1755-09-26, de Voltaire [François Marie Arouet] à Élie Bertrand.

De nouvaux contretemps très tristes, mon cher monsieur, me privent cette année du plaisir que je me préparais de venir vous embrasser à Berne.
Je partais pour Monrion, lors qu'un courier dépêché par made de Gies, femme de mon banquier, vint m'aprendre que son mari était à la mort dans ma maison que je luy a prétée et où je venois d'envoyer tout mon petit bagage. Ce mr de Gies est non seulement mon banquier, mais mon ami. Je n'ay senti que l'affliction que me cause son triste état. S'il en réchape sa convalescence sera longue, et je luy laisse de grand cœur ma maison, où il est avec toutte sa famille. Si nous le perdons, ce seront encor de très grands embarras joints à ma douleur. La vie est remplie de ces traverses, jusqu'au dernier moment. Ma santé est toujours très languissante. Il n'y a de consolation que dans une résignation entière à la volonté d'un être suprême. Quel cruel contraste entre ces réflexions, et la guaité un peu indécente de ces anciens fragments de la pucelle, qu'on assure être imprimez? Cette nouvelle achève de me désespérer. Je vous prie monsieur de vouloir bien présenter mes respects à monsieur le colonel Genner, aussi bien qu'à Monsieur le Banderet de Freudenrick.

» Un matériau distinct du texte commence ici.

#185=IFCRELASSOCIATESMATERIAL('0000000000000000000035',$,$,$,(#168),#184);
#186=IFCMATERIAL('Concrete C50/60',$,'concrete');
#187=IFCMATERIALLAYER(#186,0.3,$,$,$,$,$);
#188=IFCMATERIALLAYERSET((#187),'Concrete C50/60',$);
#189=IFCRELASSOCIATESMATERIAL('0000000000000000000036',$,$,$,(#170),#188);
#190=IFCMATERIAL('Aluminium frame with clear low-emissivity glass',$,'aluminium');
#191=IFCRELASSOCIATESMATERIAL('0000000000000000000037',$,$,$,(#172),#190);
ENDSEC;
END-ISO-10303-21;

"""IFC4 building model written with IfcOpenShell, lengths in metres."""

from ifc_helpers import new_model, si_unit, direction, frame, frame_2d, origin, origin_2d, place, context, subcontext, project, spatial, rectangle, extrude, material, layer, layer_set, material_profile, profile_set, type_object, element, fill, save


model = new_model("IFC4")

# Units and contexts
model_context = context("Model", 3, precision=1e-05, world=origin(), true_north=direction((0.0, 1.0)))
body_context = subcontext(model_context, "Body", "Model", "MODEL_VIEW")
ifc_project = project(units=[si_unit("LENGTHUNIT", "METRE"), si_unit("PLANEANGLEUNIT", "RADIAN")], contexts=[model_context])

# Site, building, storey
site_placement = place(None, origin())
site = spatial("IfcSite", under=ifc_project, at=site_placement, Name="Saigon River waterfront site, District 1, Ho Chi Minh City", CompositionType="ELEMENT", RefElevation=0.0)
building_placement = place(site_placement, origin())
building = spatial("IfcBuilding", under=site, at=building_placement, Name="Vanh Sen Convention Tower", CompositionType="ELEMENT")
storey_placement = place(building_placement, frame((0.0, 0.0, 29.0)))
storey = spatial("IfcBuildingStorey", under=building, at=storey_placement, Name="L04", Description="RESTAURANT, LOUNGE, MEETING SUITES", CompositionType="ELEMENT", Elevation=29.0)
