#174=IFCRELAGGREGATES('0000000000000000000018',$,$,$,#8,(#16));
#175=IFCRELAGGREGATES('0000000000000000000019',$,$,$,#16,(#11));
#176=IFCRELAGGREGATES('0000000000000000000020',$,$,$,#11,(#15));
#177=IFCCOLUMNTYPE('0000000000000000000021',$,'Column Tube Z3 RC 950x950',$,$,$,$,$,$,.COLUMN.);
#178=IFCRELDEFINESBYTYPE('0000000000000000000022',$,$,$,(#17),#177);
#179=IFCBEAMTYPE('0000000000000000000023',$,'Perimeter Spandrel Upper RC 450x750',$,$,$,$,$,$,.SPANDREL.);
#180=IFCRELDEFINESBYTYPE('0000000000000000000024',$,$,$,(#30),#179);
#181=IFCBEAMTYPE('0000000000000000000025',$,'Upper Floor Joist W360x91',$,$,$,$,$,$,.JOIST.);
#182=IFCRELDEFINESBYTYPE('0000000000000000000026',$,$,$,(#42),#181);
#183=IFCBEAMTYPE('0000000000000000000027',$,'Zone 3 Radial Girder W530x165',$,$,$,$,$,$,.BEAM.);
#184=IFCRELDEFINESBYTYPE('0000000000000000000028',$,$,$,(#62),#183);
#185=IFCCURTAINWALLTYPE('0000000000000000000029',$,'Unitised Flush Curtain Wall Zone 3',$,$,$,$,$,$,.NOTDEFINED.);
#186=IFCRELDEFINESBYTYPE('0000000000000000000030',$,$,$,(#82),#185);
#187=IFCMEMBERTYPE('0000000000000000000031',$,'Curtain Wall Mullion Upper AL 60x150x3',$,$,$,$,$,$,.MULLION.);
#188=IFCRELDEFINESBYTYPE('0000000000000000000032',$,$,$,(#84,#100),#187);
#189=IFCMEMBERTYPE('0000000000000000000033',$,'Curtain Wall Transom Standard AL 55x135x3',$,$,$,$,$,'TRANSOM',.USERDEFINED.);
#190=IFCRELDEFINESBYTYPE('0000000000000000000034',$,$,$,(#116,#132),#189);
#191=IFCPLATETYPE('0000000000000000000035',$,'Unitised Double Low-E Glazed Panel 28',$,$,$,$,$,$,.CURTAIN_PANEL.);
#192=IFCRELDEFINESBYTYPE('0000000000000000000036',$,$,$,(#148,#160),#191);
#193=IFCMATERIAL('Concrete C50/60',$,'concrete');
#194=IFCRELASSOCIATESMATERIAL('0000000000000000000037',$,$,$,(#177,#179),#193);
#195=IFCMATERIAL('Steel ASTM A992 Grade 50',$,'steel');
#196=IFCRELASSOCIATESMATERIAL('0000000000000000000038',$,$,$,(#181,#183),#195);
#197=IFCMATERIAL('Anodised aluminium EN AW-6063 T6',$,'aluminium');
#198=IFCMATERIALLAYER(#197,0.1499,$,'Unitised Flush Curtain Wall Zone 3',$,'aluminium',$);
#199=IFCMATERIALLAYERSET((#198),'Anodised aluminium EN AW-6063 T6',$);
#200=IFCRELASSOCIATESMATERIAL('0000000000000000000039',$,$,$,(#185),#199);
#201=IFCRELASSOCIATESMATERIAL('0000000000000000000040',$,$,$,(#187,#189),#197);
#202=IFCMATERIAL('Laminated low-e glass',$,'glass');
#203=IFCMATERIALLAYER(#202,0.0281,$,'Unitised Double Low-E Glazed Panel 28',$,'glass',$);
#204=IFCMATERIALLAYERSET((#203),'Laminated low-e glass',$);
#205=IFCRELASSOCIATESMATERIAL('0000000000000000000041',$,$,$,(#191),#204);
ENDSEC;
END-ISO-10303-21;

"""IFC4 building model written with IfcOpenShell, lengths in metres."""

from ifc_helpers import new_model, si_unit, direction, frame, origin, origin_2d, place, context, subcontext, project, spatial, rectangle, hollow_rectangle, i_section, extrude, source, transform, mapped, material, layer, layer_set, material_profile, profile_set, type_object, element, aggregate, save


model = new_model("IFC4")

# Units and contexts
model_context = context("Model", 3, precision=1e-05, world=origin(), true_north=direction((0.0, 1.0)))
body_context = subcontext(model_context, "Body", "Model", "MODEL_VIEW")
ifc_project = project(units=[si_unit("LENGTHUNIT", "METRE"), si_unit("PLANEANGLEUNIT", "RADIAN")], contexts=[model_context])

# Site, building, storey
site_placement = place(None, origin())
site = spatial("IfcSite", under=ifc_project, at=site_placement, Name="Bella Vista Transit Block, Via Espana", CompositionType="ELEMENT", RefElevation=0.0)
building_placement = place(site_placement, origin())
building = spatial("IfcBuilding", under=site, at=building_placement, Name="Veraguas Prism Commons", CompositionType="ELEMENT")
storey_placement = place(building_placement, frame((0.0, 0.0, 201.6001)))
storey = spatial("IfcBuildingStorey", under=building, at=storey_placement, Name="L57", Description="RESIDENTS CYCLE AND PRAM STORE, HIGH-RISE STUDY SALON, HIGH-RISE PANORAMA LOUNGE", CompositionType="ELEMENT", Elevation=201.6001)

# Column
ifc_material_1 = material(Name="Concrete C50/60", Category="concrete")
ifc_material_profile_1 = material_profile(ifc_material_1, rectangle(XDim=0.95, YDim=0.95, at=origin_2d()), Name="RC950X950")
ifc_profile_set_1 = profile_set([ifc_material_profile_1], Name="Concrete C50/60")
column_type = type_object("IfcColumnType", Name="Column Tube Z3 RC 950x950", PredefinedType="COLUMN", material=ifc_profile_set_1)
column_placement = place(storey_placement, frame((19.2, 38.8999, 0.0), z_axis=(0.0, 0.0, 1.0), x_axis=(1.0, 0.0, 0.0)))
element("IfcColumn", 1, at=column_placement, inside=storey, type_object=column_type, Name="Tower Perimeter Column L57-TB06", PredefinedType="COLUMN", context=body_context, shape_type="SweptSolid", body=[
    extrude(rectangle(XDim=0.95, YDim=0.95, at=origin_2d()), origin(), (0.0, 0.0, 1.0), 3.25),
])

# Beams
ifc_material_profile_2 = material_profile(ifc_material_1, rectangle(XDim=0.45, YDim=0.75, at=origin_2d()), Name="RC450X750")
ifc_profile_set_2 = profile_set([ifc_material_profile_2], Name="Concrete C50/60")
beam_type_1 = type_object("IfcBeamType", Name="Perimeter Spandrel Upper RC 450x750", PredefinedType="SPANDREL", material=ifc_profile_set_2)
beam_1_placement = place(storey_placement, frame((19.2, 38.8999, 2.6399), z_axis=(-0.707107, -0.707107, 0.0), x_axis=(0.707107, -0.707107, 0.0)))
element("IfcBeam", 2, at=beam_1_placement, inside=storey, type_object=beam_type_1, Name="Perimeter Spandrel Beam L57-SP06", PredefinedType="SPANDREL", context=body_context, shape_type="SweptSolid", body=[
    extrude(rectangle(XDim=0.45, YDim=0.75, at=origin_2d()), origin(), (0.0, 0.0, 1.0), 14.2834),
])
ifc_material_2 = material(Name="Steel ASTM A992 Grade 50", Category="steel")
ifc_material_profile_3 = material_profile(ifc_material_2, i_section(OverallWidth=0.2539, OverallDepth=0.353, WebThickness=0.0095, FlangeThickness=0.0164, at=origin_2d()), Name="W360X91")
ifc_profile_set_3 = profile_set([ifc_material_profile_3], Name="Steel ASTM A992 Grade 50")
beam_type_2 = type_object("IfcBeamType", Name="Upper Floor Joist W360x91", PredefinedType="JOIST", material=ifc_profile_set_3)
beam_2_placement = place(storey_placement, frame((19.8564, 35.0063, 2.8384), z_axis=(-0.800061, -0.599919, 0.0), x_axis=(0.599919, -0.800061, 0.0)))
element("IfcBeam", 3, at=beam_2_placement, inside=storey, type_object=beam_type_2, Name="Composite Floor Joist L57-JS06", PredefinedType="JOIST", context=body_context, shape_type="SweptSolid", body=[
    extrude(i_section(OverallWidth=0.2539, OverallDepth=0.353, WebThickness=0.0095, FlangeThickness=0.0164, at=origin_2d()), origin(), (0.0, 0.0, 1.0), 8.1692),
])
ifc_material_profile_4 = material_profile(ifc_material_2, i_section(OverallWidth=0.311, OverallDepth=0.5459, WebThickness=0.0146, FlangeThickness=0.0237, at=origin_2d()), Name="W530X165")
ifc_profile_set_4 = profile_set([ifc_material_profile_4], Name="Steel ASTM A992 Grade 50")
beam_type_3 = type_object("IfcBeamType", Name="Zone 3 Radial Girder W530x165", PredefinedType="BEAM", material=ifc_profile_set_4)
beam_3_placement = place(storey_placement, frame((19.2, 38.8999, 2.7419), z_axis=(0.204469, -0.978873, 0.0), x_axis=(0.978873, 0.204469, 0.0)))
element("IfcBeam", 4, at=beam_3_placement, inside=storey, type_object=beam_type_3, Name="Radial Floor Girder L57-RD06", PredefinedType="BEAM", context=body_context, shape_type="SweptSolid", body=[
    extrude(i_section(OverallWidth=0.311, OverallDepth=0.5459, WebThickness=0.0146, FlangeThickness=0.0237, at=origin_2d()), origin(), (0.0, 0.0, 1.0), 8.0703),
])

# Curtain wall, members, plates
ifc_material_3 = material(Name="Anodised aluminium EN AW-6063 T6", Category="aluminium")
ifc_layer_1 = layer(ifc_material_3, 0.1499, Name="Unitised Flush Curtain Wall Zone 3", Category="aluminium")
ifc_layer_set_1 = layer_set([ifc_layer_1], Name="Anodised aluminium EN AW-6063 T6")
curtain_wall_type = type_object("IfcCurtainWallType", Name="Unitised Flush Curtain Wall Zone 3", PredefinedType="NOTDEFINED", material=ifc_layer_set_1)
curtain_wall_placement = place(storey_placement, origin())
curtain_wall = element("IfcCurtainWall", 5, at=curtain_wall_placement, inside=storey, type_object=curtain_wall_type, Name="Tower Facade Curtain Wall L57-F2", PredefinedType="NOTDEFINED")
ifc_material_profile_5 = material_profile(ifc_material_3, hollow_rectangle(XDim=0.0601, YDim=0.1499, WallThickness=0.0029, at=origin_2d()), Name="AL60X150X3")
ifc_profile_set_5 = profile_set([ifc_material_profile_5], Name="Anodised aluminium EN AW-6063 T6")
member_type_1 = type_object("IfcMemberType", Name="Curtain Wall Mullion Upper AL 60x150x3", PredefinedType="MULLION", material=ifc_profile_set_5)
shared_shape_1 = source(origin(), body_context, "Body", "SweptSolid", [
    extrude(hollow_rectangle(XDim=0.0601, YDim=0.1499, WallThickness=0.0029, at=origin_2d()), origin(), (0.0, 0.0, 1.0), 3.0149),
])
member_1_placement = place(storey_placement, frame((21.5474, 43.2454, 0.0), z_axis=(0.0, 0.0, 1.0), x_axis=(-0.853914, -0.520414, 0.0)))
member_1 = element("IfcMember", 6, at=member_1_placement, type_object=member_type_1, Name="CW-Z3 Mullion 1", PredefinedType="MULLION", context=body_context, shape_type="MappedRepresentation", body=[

Vous ignorez peutêtre que le conseil de Geneve a fait un réquisitoire à celuy de Lauzane pour se faire représenter le mémoire scandaleux et calomnieux du nommé Grasset. Le libraire Bousquet a été obligé de donner l'original de ce mémoire, sur la lecture du quel le conseil de Geneve a décerné un décret de prise de corps contre Grasset. Je ne pouvais, ce me semble, avoir une meilleure réfutation. Mais enfin cette affaire est toujours désagréable. Oserais-je vous supplier de faire parvenir cette nouvelle à mr le secrétaire de votre consistoire qui m'a paru être informé du mémoire de Grasset, et de l'effet dangereux qu'il pouvait produire? Madame Denis vous fait mille compliments. Je vous suis tendrement attaché à la vie et à la mort.

VE.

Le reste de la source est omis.